The shares listed as disposed of were withheld by the Issuer to cover the Reporting Person's exercise price in connection with the vesting of options previously granted to the Reporting Person. Such withholding is exempt from Section 16(b) pursuant to Rule 16b-3(e) and these shares were not issued to or sold by the Reporting Person.
The shares are held of record by the Janice K. Maudlin Revocable Trust, of which the reporting person's spouse is a trustee.
The shares are held of record by the Timothy I. Maudlin Revocable Trust, of which the Reporting Person is a trustee.
The shares are held of record by the Timothy I. Maudlin 2020 Trust, of which the Reporting Person is a trustee.
The shares are held of record by the Timothy I. Maudlin 2019 Trust, of which the Reporting Person is a trustee.

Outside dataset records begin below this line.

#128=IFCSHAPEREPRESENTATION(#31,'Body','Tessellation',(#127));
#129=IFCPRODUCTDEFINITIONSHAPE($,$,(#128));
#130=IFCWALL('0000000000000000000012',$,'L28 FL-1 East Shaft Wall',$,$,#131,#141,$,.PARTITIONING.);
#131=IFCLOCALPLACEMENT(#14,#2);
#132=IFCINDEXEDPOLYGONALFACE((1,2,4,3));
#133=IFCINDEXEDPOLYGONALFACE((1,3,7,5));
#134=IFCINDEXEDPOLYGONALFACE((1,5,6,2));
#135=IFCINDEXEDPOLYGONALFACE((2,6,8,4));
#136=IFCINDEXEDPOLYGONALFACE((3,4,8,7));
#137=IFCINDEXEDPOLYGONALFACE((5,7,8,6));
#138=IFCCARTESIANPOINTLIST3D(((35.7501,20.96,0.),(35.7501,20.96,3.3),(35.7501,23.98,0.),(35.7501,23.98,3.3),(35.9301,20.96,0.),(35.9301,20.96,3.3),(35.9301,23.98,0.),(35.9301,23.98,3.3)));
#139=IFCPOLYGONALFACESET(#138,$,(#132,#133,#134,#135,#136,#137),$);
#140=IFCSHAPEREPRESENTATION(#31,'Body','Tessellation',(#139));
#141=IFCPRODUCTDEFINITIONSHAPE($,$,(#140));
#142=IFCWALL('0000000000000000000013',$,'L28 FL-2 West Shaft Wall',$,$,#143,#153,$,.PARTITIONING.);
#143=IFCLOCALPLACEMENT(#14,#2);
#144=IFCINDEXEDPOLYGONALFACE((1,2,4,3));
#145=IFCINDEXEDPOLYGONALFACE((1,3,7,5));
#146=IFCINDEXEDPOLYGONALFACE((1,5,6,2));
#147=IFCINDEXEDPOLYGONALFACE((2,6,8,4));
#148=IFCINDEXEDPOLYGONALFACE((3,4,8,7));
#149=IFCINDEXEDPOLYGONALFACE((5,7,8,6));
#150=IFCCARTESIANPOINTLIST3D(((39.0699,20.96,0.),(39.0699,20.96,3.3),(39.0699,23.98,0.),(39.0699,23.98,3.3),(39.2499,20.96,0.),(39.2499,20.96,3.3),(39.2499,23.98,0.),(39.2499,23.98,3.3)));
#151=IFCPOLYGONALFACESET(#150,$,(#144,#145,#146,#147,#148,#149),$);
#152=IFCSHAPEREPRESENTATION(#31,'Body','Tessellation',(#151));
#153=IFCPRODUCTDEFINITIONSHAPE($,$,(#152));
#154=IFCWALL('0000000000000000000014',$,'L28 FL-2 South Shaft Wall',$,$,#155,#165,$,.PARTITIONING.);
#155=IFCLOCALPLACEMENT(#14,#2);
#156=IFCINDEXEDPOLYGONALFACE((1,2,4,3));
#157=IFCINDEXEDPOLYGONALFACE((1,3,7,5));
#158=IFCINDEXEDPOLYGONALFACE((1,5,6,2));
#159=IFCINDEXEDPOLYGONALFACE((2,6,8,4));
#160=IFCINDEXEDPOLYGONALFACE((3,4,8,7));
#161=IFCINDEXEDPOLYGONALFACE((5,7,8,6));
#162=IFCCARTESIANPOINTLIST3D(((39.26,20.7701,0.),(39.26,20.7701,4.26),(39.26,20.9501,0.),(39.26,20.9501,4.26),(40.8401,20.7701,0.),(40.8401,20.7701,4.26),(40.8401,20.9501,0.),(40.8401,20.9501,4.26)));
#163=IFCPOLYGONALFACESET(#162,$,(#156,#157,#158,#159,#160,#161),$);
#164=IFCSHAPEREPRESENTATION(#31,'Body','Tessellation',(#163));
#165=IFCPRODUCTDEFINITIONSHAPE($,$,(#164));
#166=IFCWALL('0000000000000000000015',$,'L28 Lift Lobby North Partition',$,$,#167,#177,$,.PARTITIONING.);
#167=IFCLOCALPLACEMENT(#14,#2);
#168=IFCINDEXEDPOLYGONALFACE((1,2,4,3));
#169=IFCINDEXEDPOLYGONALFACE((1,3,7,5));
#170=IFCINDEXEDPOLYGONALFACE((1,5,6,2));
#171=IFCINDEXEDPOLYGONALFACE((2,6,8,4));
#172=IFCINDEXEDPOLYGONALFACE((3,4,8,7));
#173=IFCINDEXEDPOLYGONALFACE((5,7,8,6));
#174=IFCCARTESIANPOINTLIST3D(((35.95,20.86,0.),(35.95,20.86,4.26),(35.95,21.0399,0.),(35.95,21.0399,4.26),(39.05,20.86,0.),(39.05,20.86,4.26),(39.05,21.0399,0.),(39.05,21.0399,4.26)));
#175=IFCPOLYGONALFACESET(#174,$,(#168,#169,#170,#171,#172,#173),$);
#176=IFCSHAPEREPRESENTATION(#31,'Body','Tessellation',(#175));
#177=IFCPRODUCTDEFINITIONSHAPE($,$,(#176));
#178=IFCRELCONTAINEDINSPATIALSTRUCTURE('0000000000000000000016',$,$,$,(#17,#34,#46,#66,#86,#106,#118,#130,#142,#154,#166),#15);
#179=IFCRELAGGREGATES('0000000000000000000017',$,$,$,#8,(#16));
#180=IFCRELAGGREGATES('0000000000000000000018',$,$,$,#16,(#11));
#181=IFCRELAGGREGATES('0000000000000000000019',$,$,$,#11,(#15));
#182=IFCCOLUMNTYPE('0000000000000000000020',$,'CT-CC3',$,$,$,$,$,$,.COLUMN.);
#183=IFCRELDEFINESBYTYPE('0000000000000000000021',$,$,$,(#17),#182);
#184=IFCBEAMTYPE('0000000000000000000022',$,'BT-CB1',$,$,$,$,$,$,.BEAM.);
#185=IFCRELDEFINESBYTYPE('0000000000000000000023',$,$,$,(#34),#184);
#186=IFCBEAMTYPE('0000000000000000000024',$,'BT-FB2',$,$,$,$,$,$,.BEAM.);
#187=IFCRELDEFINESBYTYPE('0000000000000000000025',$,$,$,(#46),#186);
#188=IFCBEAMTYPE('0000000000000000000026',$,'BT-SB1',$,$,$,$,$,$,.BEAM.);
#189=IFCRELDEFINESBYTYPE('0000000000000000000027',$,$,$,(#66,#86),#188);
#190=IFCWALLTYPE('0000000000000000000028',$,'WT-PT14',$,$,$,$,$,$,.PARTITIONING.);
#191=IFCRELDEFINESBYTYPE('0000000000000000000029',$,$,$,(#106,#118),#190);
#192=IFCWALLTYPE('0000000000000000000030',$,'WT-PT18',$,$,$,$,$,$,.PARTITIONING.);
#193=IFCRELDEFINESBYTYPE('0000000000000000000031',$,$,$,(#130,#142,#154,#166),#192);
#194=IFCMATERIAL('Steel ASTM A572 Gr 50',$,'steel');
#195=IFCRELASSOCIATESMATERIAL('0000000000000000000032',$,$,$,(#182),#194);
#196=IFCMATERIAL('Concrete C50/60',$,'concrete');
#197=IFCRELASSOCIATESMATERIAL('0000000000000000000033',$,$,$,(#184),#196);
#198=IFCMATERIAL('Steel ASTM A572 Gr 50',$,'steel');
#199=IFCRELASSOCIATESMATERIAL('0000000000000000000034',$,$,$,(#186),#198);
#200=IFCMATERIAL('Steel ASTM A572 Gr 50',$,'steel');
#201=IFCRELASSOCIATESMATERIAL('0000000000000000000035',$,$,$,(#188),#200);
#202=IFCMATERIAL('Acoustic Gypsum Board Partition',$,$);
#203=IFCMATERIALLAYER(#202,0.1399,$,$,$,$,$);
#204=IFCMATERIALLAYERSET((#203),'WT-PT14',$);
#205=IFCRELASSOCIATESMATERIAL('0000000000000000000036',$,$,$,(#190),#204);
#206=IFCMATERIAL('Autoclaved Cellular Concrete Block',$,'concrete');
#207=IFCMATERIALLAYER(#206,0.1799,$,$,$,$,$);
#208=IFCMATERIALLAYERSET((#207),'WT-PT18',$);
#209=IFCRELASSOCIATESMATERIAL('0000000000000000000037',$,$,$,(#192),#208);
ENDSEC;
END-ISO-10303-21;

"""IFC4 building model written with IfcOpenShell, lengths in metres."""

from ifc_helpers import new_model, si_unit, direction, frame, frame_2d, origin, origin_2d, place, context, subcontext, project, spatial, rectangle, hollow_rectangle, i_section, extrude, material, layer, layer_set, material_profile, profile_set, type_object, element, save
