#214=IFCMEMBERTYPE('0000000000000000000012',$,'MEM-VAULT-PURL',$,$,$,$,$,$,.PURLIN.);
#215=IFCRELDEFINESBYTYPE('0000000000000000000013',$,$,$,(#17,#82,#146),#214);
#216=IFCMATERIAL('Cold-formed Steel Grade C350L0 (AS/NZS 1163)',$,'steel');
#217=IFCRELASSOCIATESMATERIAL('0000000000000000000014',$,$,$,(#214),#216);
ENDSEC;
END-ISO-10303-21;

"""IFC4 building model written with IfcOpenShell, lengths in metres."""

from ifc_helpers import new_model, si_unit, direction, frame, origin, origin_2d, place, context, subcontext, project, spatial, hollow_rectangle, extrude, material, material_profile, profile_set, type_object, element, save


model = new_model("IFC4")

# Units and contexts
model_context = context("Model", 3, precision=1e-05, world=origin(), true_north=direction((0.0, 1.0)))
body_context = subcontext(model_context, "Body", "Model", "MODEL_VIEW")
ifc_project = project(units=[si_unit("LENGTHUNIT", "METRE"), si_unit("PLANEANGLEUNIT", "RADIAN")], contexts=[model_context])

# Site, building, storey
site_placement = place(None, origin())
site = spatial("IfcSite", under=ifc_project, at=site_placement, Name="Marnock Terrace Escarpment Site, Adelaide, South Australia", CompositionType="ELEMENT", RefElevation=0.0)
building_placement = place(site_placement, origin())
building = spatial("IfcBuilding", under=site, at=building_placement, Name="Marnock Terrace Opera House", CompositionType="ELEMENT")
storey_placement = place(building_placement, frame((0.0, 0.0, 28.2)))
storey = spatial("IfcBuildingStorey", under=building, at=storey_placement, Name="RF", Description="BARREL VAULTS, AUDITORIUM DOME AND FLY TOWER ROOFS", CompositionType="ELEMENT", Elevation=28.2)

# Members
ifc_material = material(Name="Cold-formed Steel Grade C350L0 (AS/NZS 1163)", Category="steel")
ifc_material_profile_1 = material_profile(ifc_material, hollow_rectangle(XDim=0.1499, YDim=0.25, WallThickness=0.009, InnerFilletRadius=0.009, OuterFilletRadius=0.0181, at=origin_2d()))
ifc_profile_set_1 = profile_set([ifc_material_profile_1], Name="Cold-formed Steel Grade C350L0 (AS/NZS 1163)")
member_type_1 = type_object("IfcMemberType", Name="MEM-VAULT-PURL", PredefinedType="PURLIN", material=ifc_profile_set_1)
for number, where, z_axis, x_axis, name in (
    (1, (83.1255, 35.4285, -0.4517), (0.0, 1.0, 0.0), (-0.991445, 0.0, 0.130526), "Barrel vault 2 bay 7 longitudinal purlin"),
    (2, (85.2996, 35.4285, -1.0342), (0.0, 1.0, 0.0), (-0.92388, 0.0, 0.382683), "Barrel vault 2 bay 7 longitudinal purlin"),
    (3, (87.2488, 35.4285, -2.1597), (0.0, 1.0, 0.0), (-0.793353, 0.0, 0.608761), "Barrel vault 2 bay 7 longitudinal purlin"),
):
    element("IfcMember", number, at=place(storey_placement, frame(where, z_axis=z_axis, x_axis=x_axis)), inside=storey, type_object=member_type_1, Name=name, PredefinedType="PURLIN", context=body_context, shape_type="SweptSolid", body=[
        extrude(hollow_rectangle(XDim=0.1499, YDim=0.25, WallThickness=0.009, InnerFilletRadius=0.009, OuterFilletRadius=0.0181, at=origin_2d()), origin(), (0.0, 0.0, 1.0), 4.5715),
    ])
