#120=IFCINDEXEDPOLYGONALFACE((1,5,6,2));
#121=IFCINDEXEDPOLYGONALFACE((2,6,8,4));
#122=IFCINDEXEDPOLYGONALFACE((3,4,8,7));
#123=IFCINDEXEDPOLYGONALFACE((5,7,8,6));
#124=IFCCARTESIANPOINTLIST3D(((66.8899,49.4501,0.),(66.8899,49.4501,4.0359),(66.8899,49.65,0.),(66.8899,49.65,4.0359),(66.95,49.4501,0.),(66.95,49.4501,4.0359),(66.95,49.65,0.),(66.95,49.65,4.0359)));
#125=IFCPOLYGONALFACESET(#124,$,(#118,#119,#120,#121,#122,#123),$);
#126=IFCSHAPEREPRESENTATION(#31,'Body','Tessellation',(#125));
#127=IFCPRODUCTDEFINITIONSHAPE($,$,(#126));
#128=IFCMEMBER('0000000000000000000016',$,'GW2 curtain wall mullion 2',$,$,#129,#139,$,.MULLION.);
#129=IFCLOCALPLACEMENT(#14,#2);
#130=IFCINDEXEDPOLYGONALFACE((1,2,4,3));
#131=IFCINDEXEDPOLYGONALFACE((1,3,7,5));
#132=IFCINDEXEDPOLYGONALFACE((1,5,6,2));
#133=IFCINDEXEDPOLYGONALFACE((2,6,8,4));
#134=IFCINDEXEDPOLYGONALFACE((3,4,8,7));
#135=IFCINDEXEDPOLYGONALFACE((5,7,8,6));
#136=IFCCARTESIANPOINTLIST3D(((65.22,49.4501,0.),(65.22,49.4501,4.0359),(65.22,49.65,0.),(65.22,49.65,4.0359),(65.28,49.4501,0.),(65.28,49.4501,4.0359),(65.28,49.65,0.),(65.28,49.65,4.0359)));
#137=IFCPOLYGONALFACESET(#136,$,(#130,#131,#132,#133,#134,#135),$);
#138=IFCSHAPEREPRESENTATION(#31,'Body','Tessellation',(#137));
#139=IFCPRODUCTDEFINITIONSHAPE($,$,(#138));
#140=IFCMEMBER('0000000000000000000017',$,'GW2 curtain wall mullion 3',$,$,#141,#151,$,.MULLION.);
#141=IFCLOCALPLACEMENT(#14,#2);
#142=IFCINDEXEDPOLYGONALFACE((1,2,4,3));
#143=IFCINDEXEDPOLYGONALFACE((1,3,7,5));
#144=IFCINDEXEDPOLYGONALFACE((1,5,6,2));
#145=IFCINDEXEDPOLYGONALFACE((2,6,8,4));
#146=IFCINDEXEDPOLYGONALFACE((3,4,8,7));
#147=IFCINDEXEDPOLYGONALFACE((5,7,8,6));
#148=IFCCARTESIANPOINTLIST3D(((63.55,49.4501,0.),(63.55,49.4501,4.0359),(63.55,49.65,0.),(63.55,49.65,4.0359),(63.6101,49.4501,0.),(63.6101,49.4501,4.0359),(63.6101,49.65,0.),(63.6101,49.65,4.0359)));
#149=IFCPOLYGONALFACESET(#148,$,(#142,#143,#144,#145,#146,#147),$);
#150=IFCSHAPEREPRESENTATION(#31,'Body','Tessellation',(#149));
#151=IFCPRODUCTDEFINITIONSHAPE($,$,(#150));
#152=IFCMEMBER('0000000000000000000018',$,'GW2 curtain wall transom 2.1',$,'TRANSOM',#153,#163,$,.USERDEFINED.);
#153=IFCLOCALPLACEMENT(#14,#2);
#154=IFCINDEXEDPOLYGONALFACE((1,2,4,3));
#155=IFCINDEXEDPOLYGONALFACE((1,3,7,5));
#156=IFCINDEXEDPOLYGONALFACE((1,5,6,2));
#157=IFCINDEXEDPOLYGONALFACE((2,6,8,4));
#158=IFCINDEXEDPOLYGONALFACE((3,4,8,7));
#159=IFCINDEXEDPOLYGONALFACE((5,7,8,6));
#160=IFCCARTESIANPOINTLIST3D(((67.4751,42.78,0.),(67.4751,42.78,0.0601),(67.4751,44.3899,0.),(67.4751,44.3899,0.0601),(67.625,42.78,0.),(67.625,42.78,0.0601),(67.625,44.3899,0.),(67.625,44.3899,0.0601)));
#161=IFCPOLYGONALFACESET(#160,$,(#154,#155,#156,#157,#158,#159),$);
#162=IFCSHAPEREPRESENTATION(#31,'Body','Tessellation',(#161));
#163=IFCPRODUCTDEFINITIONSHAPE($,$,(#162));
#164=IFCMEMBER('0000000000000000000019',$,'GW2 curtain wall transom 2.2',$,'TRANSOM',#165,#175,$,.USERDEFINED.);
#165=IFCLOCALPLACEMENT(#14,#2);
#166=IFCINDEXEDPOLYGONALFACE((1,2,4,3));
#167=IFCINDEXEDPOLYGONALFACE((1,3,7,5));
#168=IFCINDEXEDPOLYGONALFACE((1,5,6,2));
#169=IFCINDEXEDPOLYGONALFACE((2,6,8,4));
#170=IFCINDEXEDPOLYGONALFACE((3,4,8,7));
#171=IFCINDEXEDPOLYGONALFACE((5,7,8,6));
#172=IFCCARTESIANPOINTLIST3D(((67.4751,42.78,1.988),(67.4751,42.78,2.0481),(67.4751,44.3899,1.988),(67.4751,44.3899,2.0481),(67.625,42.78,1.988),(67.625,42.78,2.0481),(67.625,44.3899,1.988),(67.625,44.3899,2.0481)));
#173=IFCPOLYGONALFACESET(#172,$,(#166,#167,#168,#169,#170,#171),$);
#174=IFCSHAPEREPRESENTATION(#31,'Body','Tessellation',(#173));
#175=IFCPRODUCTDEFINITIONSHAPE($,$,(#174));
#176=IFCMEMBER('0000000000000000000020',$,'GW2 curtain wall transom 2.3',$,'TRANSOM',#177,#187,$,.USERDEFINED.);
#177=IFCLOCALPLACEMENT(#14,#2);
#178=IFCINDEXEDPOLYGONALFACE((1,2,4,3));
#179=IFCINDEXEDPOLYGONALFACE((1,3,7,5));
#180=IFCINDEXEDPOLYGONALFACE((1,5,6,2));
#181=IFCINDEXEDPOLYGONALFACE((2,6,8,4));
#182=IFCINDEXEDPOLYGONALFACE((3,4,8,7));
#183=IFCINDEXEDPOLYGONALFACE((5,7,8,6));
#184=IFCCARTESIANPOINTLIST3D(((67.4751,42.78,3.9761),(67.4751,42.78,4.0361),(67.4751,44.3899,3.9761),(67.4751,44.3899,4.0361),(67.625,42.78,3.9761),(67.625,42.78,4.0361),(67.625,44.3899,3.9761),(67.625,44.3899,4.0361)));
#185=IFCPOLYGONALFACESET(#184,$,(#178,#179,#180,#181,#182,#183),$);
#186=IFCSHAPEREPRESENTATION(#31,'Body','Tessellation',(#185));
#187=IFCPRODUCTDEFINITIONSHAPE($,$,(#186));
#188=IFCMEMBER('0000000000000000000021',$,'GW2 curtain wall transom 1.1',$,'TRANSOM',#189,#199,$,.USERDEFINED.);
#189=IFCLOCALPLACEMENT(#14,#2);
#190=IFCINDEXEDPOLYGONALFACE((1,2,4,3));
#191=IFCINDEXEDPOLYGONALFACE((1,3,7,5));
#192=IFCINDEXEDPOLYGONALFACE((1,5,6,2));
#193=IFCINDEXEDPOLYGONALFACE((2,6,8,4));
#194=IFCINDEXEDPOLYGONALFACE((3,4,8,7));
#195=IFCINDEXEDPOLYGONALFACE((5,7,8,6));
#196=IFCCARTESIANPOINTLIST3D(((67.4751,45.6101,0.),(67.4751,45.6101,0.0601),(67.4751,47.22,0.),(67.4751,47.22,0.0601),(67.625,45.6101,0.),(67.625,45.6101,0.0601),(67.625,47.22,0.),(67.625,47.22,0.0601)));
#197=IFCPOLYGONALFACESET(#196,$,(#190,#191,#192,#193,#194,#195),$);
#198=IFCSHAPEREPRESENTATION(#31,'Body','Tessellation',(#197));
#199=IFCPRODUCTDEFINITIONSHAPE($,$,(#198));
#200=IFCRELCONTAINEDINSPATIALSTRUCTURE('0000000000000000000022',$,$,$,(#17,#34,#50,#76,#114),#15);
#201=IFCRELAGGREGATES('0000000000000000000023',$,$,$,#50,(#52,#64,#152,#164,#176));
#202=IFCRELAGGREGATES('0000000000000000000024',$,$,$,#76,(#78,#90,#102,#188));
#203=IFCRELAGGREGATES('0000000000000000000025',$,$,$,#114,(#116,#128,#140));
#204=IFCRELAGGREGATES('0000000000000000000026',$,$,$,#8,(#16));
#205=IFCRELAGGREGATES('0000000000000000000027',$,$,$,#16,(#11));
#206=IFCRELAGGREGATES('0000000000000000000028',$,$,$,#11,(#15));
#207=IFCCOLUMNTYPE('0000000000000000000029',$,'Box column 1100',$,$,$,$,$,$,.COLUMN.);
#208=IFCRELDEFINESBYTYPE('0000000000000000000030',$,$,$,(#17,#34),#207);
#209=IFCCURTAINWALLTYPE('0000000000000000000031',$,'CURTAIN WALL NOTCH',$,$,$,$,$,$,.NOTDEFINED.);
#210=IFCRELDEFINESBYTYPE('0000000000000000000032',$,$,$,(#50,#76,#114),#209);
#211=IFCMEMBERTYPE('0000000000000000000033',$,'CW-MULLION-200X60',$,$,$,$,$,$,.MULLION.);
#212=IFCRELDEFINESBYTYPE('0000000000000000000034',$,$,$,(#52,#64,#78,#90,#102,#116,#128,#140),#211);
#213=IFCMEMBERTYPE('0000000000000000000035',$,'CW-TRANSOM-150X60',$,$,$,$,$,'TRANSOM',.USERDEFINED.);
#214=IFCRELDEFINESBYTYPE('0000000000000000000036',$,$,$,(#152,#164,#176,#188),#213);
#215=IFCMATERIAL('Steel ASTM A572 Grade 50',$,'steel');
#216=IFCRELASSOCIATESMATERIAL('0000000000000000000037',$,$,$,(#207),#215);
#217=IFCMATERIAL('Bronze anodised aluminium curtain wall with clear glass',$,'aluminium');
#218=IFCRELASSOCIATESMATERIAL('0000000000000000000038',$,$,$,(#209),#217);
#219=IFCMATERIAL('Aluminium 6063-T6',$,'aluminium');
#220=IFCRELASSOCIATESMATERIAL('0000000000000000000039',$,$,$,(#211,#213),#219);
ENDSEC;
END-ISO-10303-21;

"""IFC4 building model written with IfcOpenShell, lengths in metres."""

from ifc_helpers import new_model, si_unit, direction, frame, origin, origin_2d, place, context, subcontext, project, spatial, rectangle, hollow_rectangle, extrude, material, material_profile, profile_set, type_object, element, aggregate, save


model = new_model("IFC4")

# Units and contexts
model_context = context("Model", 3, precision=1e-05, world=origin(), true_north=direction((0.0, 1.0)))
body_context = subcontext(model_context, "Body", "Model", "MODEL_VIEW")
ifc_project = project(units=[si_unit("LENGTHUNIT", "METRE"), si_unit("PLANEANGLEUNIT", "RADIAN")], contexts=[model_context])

One share of the Issuer's Class B common stock (the "Class B Common Stock"), was issued for each limited liability company unit of Pluralsight Holdings, LLC (each an "LLC Unit") held by the reporting person pursuant to a reclassification of Pluralsight Holdings, LLC that occurred prior to the Issuer's initial public offering. The shares of Class B Common Stock (i) confer no incidents of economic ownership on the holders thereof and (ii) only confer one-to-one voting rights on the holders thereof. Each share of Class B Common Stock and corresponding LLC Unit is redeemable or exchangeable for one share of Class A Common Stock at the option of the holder (for which the Issuer may substitute cash) and has no expiration date.
Shares subject to the option vest in four equal semiannual installments beginning on November 17, 2018.